President Nayib Bukele’s no-holds-barred clampdown on El Salvador’s notoriously violent Barrio 18 and MS-13 gangs continues to pay political dividends, seeing him re-elected by a historically large margin on Monday.
Bukele declared victory over the weekend, when he posted on social media that “According to our [his party’s] figures, we have won the presidential election with more than 85% of the votes and a minimum of 58 of 60 deputies in the Assembly.”
Provisional results show Bukele winning 83% support with 31% of the ballots counted, which would mean his New Ideas party would indeed secure almost all of the 60 seats in the country’s legislative body.
Later that day, Bukele went on to celebrate his anticipated victory on the balcony of the National Palace in the country’s capital of San Salvador.
“All together the opposition was pulverized,” Bukele, flanked by his wife, told a throng of supporters. “El Salvador went from being the most unsafe to the safest [country]. Now in these next five years, wait to see what we are going to do,” Bukele added.
Nuevas Ideas’ electoral success means Bukele will wield unprecedented power, allowing him to overhaul El Salvador’s constitution, which critics fear will result in doing away with term limits for presidents.
The hugely popular 42-year-old has captured many Salvadoreans’ loyalty, by being the driving force behind the restoration of law and order in his violence-ridden nation. That he used methods many have called unconstitutional has, so it turns out, not soured the voters towards the man.
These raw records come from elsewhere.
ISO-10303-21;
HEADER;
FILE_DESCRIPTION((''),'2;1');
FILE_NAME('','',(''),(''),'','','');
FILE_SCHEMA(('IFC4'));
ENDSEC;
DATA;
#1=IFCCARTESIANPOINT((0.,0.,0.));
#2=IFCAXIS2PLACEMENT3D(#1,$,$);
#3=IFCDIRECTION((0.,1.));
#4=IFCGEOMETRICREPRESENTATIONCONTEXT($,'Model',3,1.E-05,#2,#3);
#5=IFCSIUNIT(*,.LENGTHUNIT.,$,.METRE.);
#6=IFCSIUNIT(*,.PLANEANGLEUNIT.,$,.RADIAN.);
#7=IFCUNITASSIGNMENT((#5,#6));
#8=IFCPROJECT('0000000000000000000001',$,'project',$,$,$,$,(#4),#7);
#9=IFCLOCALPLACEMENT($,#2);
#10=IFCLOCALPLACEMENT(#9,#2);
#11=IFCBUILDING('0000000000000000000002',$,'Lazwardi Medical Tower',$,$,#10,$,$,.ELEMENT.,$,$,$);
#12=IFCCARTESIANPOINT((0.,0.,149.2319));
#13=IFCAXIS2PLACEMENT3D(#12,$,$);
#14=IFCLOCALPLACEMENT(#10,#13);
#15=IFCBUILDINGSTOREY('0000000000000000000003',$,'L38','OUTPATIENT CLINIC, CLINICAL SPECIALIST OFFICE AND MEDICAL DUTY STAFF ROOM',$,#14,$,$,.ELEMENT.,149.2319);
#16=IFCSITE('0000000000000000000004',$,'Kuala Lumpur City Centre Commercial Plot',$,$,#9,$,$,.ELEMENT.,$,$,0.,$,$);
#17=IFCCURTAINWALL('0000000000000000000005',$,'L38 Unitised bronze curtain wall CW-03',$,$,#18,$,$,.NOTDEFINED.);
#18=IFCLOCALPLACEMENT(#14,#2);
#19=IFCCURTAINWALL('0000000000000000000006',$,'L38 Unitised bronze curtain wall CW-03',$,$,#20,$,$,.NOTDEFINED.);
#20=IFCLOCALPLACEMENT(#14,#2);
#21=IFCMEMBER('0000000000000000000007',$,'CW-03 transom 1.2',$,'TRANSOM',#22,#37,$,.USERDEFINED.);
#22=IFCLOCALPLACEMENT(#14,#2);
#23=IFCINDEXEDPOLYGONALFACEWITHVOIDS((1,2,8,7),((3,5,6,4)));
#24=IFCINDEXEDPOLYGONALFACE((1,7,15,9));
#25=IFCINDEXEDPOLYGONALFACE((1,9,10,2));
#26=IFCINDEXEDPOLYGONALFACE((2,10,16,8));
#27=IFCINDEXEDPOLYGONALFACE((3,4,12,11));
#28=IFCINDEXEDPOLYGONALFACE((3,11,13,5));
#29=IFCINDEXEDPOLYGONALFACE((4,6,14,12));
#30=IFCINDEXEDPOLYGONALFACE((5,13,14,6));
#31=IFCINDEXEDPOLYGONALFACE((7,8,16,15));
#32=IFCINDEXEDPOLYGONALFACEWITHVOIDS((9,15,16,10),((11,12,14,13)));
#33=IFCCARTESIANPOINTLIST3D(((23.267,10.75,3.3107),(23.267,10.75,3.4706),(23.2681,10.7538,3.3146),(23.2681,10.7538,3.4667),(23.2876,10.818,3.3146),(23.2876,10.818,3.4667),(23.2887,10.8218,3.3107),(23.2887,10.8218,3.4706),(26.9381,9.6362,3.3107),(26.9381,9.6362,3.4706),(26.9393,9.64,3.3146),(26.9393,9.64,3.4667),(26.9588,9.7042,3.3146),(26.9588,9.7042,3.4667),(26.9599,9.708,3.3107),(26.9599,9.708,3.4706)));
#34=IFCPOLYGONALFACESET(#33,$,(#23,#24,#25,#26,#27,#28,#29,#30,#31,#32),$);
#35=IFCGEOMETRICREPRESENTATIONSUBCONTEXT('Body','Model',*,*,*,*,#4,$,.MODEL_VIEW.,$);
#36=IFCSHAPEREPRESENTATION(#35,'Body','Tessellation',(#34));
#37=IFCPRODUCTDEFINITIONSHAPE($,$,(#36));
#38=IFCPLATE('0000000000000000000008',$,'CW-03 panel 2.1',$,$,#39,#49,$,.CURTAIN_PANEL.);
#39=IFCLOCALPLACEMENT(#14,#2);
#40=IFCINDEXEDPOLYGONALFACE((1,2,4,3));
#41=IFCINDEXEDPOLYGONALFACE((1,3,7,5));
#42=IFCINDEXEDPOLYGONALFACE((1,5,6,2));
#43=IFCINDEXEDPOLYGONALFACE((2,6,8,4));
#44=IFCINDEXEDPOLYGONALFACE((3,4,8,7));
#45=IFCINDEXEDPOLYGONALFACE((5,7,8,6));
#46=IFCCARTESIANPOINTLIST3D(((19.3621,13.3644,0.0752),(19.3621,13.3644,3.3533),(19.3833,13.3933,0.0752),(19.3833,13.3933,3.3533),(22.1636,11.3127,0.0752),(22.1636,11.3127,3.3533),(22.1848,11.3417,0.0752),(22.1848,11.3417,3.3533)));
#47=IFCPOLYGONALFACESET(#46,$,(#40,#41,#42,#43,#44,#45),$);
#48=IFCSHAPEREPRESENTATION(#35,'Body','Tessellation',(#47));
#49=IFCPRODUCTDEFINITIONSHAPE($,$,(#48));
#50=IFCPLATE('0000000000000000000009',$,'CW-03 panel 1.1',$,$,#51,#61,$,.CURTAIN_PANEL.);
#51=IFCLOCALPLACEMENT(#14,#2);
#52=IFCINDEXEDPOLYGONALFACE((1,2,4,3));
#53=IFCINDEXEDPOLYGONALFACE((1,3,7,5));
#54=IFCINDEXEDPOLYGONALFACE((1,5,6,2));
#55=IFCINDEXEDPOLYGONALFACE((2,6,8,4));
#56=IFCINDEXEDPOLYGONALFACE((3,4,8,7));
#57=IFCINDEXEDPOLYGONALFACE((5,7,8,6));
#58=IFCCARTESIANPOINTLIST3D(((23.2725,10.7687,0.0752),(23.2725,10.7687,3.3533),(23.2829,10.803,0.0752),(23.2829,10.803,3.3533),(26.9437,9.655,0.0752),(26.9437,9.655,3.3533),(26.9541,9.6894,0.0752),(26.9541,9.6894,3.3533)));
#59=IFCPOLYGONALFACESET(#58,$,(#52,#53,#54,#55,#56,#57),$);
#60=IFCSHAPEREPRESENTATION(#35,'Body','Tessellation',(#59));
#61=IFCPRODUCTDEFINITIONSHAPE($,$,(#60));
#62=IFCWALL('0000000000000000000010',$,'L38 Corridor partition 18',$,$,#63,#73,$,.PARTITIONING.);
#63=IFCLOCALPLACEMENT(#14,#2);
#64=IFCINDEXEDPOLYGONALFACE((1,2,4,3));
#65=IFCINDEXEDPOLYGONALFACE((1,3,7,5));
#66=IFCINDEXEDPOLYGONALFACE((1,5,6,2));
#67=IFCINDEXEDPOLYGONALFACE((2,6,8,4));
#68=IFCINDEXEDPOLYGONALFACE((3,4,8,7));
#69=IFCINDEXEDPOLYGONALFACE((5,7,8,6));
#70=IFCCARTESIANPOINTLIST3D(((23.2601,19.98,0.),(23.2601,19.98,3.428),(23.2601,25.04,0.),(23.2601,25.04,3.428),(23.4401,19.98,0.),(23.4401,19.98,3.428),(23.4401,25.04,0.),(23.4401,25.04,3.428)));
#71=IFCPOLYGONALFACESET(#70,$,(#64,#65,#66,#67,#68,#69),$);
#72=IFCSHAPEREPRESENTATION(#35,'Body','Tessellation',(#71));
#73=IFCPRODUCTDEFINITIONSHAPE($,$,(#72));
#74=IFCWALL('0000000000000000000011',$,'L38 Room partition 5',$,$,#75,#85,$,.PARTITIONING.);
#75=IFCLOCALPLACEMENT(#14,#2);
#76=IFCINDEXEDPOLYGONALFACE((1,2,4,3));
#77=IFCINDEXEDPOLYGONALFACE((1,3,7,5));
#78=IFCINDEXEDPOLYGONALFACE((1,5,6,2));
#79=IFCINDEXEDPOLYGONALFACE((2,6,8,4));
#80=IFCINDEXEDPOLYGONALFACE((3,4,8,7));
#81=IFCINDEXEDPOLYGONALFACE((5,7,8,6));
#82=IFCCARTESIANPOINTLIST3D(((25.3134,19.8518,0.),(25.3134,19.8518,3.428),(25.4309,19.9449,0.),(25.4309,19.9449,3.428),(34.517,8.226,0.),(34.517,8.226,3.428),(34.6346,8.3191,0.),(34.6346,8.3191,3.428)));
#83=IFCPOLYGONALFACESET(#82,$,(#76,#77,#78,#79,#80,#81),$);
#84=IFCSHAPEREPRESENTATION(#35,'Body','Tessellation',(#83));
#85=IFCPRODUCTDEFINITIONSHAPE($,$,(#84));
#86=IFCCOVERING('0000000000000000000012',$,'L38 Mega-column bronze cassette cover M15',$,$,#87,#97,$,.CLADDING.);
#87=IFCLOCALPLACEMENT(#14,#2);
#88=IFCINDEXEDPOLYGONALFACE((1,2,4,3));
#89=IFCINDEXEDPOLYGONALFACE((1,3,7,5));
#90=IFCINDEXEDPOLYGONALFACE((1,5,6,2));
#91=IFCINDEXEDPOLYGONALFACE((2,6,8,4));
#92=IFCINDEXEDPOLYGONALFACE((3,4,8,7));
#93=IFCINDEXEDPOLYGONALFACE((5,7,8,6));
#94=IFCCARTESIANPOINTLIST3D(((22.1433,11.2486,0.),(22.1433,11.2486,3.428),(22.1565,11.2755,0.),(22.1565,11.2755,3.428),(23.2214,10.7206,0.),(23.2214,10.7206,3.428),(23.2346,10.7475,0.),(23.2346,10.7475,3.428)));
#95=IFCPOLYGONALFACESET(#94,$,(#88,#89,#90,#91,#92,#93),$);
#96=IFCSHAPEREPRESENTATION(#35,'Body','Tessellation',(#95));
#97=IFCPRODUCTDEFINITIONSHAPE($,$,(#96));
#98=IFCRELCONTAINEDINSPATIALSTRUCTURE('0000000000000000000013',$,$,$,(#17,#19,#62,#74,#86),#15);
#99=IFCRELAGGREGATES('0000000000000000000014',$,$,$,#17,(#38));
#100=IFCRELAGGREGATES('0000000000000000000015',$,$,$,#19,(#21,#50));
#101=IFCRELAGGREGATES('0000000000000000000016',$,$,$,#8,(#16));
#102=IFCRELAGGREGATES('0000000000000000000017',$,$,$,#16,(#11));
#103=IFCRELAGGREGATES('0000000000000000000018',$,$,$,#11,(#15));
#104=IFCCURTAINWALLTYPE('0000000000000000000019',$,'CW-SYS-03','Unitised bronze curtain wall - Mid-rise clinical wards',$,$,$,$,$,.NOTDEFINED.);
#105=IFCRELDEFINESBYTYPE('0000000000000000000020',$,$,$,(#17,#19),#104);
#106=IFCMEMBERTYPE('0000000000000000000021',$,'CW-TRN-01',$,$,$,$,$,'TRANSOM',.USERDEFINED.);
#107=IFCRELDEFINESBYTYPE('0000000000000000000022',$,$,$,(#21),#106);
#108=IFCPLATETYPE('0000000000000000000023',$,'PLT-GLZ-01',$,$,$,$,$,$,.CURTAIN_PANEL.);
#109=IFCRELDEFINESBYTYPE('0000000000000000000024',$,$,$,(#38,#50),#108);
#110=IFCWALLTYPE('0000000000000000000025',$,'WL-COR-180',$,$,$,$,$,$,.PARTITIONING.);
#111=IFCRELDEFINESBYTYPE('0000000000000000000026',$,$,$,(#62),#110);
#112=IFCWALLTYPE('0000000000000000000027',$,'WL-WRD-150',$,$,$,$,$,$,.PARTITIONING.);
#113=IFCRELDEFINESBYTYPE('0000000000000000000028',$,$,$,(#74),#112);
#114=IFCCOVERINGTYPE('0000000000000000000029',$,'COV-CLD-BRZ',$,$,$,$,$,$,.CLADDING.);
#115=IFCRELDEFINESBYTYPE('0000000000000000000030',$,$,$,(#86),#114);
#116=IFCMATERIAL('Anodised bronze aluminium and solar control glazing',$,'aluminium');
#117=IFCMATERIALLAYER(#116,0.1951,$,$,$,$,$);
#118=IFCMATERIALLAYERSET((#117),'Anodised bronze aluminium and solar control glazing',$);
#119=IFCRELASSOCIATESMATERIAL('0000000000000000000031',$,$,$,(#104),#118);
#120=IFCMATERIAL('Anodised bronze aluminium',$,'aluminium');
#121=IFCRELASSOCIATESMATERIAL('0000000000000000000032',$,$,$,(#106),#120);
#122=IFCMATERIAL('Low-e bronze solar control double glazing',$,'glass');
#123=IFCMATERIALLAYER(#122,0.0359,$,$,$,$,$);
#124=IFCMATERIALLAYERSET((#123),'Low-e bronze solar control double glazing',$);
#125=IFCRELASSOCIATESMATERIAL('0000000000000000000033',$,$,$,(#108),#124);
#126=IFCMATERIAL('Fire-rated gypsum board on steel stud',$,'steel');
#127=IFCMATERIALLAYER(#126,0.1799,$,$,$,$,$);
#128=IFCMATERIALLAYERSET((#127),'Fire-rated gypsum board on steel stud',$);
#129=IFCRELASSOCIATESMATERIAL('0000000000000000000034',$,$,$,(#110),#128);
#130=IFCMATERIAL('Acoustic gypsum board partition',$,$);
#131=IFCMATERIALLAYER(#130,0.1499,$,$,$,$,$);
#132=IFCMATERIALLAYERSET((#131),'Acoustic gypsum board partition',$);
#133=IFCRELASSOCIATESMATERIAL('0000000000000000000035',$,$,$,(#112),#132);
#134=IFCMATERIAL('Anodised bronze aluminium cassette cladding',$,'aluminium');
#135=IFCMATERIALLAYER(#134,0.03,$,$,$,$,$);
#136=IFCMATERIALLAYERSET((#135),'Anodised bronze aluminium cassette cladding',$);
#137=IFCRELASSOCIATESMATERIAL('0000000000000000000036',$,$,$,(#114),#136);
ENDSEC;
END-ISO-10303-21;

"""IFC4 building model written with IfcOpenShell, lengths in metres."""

from ifc_helpers import new_model, si_unit, direction, frame, frame_2d, origin, origin_2d, place, context, subcontext, project, spatial, rectangle, hollow_rectangle, extrude, material, layer, layer_set, material_profile, profile_set, type_object, element, aggregate, save


model = new_model("IFC4")

# Units and contexts
model_context = context("Model", 3, precision=1e-05, world=origin(), true_north=direction((0.0, 1.0)))
body_context = subcontext(model_context, "Body", "Model", "MODEL_VIEW")
ifc_project = project(units=[si_unit("LENGTHUNIT", "METRE"), si_unit("PLANEANGLEUNIT", "RADIAN")], contexts=[model_context])

# Site, building, storey
site_placement = place(None, origin())
site = spatial("IfcSite", under=ifc_project, at=site_placement, Name="Kuala Lumpur City Centre Commercial Plot", CompositionType="ELEMENT", RefElevation=0.0)
building_placement = place(site_placement, origin())
building = spatial("IfcBuilding", under=site, at=building_placement, Name="Lazwardi Medical Tower", CompositionType="ELEMENT")
storey_placement = place(building_placement, frame((0.0, 0.0, 149.2319)))
storey = spatial("IfcBuildingStorey", under=building, at=storey_placement, Name="L38", Description="OUTPATIENT CLINIC, CLINICAL SPECIALIST OFFICE AND MEDICAL DUTY STAFF ROOM", CompositionType="ELEMENT", Elevation=149.2319)

# Curtain walls
ifc_material_1 = material(Name="Anodised bronze aluminium and solar control glazing", Category="aluminium")
ifc_layer_1 = layer(ifc_material_1, 0.1951)
ifc_layer_set_1 = layer_set([ifc_layer_1], Name="Anodised bronze aluminium and solar control glazing")
curtain_wall_type = type_object("IfcCurtainWallType", Name="CW-SYS-03", Description="Unitised bronze curtain wall - Mid-rise clinical wards", PredefinedType="NOTDEFINED", material=ifc_layer_set_1)
curtain_wall_1_placement = place(storey_placement, origin())
curtain_wall_1 = element("IfcCurtainWall", 1, at=curtain_wall_1_placement, inside=storey, type_object=curtain_wall_type, Name="L38 Unitised bronze curtain wall CW-03", PredefinedType="NOTDEFINED")
ifc_material_2 = material(Name="Anodised bronze aluminium", Category="aluminium")
curtain_wall_2_placement = place(storey_placement, origin())
curtain_wall_2 = element("IfcCurtainWall", 2, at=curtain_wall_2_placement, inside=storey, type_object=curtain_wall_type, Name="L38 Unitised bronze curtain wall CW-03", PredefinedType="NOTDEFINED")

# Member
ifc_material_profile_1 = material_profile(ifc_material_2, hollow_rectangle(XDim=0.075, YDim=0.1599, WallThickness=0.0039, at=origin_2d()), Name="ALU-TRANSOM 160x75x4")
ifc_profile_set_1 = profile_set([ifc_material_profile_1], Name="Anodised bronze aluminium")
member_type_1 = type_object("IfcMemberType", Name="CW-TRN-01", ElementType="TRANSOM", PredefinedType="USERDEFINED", material=ifc_profile_set_1)
member_1_placement = place(storey_placement, frame((23.2778, 10.7859, 3.3906), z_axis=(0.95693, -0.290318, 0.0), x_axis=(0.290318, 0.95693, 0.0)))
member_1 = element("IfcMember", 3, at=member_1_placement, type_object=member_type_1, Name="CW-03 transom 1.2", ObjectType="TRANSOM", PredefinedType="USERDEFINED", context=body_context, shape_type="SweptSolid", body=[
    extrude(hollow_rectangle(XDim=0.075, YDim=0.1599, WallThickness=0.0039, at=origin_2d()), origin(), (0.0, 0.0, 1.0), 3.8364),
])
Between 1979 and 1992, El Salvador—the smallest country in Central America—was torn by civil war, following which its largely gang-related murder rate, the highest globally, remained exceptionally high, with authorities appearing powerless (or unwilling) to address the problem. Bukele made it a core issue of his election campaign, and on that platform, came to power in 2019.
Within his first year in office, the murder rate dropped by almost 50%, and kept going down every single year.
Not content with that success, in 2022, Bukele declared a state of emergency, as the country still had an estimated 120,000 gang members (out of a total population of 6,383,758, according to 2024 figures).
Currently, an estimated half of those alleged to have gang affiliations are incarcerated.
Human rights groups have been critical of the manner in which alleged gang members were detained: thousands, they claim, are said to have been unjustly detained, and denied a fair trial.
Since bringing the judiciary completely under his control since his first election in 2019, The Economist gave the president the moniker of being the world’s first “millennial dictator.”
Bukele cleverly pokes fun at such criticisms, having in the past changed his profile on X to say: “World’s coolest dictator.” Currently, it displays the more restrained “philosopher king.”
Misgivings aside, the saying ‘desperate times call for desperate measures’ exists for a reason; some problems, if dire or existentially threatening enough, demand the label ‘state of emergency.’.
Under Bukele’s leadership the nation’s infamous murder rate has plummeted, extortion racketeering is down, and El Salvador is now deemed (relatively) safe enough for international tourism.
While its security might be bolstered, its economy remains the slowest growing in Central America. Extreme poverty is still rife, with over a quarter of Salvadorans living below the poverty line.
To help address its fiscal challenges, El Salvador is still in negotiations with the IMF for a $1.3 billion bailout, which have been frustrated by the country’s adoption of bitcoin as a currency, which the IMF said it was, “in general … not supportive” of.
These, then, will become Bukele’s two primary headaches. Making significant inroads with these could earn him the ‘philosopher king’ status he so aspires to achieve.